The following documents and records were retrieved from Vault 13 by archivist Jamilyn Steele shortly after the Followers of the Apocalypse took possession of the vault in 2262. They are preserved here as a written artifact of the years immediately following the Great War.

We have always assumed (without properly questioning the assumption) that the first generation to grow up after the bombs understood even better than we what humanity had gambled and lost in the Great War, The reality I attempt to show in my book, however, is that they were men and women as limited and short-sighted as those alive today. They neither accepted responsibility, nor fully understood their obligation to look forward and do better.

This chapter, however, contains the epistolary autobiography of an innocent - a girl born just fifteen years before the War to a military family. Her account of events, jejune and selfish though it sometimes is, is a genuine reaction to the traumatic shift that has shaped us all and is therefore worthy of empathy and study.


10/19/77, Concord

Dear Diary,

Mom got a call from Aunt Helen tonight. They don't think Marcia is going to make it. The accident crushed her chest and and did something to her brain. The doctors are saying she'll never wake up! I always told her I was going to get my license when I turned 15, just like she did this summer, but now I'm scared to even think about driving.

Mom's talking about "saying goodbye" and "packing a dress for the funeral" now. I can't do this. She's my only cousin, and I can't imagine her dead. I was going to visit them over Christmas and we were all going to climb Mt. Whitney together. This feels unreal.

Uncle Hank is getting sent home from Anchorage tomorrow. I wish Dad could come, too. I don't want to go to California without him - it's all the way on the the other side of the country. But he has to stay on base in Alaska.

I got yelled at when I asked who was going to feed Rowdy while we're gone. "Family's more important than dogs." Probably we'll leave him with grandma, even though she hates animals.
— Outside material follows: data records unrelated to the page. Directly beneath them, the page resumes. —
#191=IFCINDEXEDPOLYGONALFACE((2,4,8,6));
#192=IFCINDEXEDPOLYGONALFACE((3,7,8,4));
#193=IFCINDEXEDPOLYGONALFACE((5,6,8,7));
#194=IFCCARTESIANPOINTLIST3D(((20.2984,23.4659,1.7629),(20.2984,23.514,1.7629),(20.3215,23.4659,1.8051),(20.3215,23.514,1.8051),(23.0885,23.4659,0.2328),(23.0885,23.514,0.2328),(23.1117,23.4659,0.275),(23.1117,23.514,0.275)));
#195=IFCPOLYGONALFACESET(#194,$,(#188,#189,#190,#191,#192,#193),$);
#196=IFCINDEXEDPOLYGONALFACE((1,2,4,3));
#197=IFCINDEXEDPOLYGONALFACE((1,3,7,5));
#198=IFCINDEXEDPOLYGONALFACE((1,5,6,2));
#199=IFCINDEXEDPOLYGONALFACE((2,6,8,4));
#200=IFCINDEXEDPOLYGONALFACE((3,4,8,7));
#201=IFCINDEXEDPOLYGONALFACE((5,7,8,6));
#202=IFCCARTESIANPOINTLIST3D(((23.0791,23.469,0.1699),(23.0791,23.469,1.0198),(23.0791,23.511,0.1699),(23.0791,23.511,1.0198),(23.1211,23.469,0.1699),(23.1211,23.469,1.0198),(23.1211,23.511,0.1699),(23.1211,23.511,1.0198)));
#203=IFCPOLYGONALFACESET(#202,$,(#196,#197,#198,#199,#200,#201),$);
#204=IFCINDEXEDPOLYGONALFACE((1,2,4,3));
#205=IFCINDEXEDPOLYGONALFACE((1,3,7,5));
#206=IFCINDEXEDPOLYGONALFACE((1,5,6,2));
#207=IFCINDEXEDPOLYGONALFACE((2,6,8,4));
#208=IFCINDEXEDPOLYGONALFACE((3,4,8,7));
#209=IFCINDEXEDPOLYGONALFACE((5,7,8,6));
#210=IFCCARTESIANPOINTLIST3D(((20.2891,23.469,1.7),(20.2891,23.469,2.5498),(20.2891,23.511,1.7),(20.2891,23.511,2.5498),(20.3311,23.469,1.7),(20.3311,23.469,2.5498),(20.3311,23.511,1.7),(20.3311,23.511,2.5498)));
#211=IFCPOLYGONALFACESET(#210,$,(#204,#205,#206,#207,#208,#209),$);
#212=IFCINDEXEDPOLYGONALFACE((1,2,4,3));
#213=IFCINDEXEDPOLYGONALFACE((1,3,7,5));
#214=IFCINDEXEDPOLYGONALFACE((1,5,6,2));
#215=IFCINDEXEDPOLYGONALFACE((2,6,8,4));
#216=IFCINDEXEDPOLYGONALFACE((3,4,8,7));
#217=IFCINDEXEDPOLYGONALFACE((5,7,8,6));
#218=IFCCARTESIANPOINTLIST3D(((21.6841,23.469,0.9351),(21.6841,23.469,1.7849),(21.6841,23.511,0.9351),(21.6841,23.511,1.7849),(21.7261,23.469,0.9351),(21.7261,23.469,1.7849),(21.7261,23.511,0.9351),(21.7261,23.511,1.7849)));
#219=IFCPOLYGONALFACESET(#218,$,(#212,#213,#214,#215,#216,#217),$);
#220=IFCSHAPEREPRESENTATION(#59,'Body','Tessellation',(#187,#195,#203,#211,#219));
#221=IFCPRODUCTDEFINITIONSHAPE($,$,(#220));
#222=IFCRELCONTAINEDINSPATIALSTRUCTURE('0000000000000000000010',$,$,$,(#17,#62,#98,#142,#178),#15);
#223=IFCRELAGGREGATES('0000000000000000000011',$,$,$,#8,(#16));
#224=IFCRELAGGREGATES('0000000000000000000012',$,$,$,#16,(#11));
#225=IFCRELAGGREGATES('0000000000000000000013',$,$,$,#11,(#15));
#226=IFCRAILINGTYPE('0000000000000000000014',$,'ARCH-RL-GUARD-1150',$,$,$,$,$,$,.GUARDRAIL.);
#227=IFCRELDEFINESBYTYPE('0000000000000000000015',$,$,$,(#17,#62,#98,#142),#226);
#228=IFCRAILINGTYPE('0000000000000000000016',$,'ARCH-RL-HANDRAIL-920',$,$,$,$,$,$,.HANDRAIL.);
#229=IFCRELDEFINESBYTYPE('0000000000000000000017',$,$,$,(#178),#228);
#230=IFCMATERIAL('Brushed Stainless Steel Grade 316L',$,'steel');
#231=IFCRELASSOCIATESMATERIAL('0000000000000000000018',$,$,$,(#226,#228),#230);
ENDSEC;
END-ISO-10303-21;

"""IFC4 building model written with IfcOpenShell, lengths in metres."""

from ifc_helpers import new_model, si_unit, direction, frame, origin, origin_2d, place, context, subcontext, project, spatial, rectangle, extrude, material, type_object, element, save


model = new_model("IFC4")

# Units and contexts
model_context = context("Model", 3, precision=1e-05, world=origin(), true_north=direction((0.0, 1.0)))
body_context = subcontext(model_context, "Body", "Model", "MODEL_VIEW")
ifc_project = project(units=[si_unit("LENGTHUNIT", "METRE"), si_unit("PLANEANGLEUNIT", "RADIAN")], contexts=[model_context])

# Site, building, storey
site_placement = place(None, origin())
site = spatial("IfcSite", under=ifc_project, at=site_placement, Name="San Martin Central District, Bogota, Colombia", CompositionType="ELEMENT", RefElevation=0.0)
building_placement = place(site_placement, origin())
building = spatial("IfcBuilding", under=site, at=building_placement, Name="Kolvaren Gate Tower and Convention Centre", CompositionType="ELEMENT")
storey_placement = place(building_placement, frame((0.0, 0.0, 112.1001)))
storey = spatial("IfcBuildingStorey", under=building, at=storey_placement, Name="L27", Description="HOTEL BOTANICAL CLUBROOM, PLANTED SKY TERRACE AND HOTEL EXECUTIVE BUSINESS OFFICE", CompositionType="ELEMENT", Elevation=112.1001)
Maybe I'll wake up and this will all have been a dream… if not, we're flying into Lone Pine Airport tomorrow.

Current Mood: sad.

~Alia


10/22/77, Lone Pine, CA

Dear Diary,

Fuck. Today was awful. I always wanted to meet Marcia's friends, but not like this. She died before we even got here, and poor Aunt Helen and Uncle Hank had to figure out her fucking funeral. Mom helped, but still. I could hear them crying in their room last night. Aunt Helen looked… like a ghost today. A ghost in a black dress. Marcia looked perfect - they fixed her head, put her in the dress she was going to wear to the Winter Formal. She could have been sleeping if I hadn't known she was dead. It was the saddest, most horrible thing I've ever seen.

Uncle Hank wore his uniform to the funeral. Every time I looked over at him, I thought it was Dad for a second. They look so much alike, even though they're not twins - Henry is two years older. I caught him looking at me and crying… I wonder if I remind him of Marcia. Maybe we shouldn't have come. I don't know how people survive stuff like this. I swear, I'm never going to have a husband or kids or anything, because I don't want to lose someone I love.
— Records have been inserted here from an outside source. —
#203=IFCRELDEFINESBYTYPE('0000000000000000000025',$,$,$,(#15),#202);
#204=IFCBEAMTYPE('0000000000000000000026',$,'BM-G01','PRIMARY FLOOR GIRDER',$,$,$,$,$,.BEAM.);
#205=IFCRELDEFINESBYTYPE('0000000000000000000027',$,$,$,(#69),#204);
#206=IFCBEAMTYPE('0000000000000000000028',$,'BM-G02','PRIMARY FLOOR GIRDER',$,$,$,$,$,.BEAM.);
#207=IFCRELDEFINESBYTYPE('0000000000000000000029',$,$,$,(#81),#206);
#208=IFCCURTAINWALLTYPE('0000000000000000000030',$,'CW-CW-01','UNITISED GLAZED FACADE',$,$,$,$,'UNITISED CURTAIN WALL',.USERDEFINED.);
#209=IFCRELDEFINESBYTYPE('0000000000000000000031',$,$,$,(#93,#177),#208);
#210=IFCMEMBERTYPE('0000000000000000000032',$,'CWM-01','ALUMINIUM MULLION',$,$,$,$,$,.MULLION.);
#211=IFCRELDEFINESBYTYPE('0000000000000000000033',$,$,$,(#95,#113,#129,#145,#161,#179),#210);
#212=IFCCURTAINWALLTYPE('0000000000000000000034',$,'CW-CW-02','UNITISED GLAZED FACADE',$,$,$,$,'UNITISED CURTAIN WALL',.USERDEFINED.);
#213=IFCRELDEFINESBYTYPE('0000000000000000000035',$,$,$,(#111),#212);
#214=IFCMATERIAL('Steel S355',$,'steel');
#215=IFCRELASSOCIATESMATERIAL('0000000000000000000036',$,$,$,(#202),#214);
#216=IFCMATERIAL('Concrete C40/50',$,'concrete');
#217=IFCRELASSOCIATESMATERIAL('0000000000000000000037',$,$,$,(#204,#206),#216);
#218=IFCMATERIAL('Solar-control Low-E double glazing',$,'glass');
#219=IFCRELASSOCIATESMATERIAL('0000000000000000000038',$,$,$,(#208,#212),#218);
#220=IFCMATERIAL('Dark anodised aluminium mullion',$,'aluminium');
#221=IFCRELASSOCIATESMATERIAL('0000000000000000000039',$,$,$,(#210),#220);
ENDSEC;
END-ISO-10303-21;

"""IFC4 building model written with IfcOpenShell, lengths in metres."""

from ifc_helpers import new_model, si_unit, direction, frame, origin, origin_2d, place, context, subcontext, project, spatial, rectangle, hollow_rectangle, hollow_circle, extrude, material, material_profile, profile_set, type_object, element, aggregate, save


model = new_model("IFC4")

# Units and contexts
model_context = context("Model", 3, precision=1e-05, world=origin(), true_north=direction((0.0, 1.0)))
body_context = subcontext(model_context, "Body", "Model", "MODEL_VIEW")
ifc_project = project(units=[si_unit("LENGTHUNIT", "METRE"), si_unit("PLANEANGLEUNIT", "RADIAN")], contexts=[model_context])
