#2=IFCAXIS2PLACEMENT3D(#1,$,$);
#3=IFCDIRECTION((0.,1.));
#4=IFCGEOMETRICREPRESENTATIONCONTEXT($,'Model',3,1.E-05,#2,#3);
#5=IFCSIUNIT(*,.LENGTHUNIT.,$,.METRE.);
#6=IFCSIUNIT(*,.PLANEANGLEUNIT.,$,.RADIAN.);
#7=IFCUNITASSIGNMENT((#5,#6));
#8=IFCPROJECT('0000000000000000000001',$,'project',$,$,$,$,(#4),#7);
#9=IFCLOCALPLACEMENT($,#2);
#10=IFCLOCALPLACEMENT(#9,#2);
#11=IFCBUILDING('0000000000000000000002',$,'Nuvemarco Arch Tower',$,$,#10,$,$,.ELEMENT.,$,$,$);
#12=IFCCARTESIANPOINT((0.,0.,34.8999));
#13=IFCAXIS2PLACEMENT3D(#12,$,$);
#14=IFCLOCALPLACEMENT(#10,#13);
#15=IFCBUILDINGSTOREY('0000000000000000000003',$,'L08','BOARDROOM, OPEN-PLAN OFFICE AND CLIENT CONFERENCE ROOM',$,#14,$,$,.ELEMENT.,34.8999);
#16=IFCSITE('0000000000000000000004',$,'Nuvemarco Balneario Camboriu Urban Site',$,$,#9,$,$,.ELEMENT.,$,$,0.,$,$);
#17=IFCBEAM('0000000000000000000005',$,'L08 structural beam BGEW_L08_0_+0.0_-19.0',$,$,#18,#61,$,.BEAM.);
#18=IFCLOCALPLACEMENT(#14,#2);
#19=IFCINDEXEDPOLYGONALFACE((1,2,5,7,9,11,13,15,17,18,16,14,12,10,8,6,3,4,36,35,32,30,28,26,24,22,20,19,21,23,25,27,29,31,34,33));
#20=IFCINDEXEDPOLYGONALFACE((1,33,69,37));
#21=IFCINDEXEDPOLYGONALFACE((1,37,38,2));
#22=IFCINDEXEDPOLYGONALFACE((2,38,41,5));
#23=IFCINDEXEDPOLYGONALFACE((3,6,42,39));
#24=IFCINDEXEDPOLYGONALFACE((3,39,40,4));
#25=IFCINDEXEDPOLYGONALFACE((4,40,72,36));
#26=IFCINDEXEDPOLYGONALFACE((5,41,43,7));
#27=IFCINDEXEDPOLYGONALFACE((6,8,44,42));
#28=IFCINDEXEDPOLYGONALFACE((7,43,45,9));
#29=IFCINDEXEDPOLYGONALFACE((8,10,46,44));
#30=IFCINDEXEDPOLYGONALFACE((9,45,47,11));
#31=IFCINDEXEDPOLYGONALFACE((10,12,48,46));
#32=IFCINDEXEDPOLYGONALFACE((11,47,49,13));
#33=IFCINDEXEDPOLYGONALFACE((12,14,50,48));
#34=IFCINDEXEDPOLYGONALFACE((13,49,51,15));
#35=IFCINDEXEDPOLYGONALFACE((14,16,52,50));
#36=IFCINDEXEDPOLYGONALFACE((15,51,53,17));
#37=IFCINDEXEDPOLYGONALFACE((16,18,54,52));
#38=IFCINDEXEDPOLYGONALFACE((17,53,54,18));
I want to go home, but Mom says we have to stay until Monday. She says we're going to help Helen go through Marcia's stuff. Tomorrow is Saturday, and we're going to go scatter her ashes on her favorite hiking travels with some of her friends. I still can't believe she's gone.

Current mood: see last entry.

~Alia


VAULT-TEC RECORD FOR JAMESON, HENRY P.

PLACES RESERVED IN VAULT 13: 3 (MILITARY WAIVER)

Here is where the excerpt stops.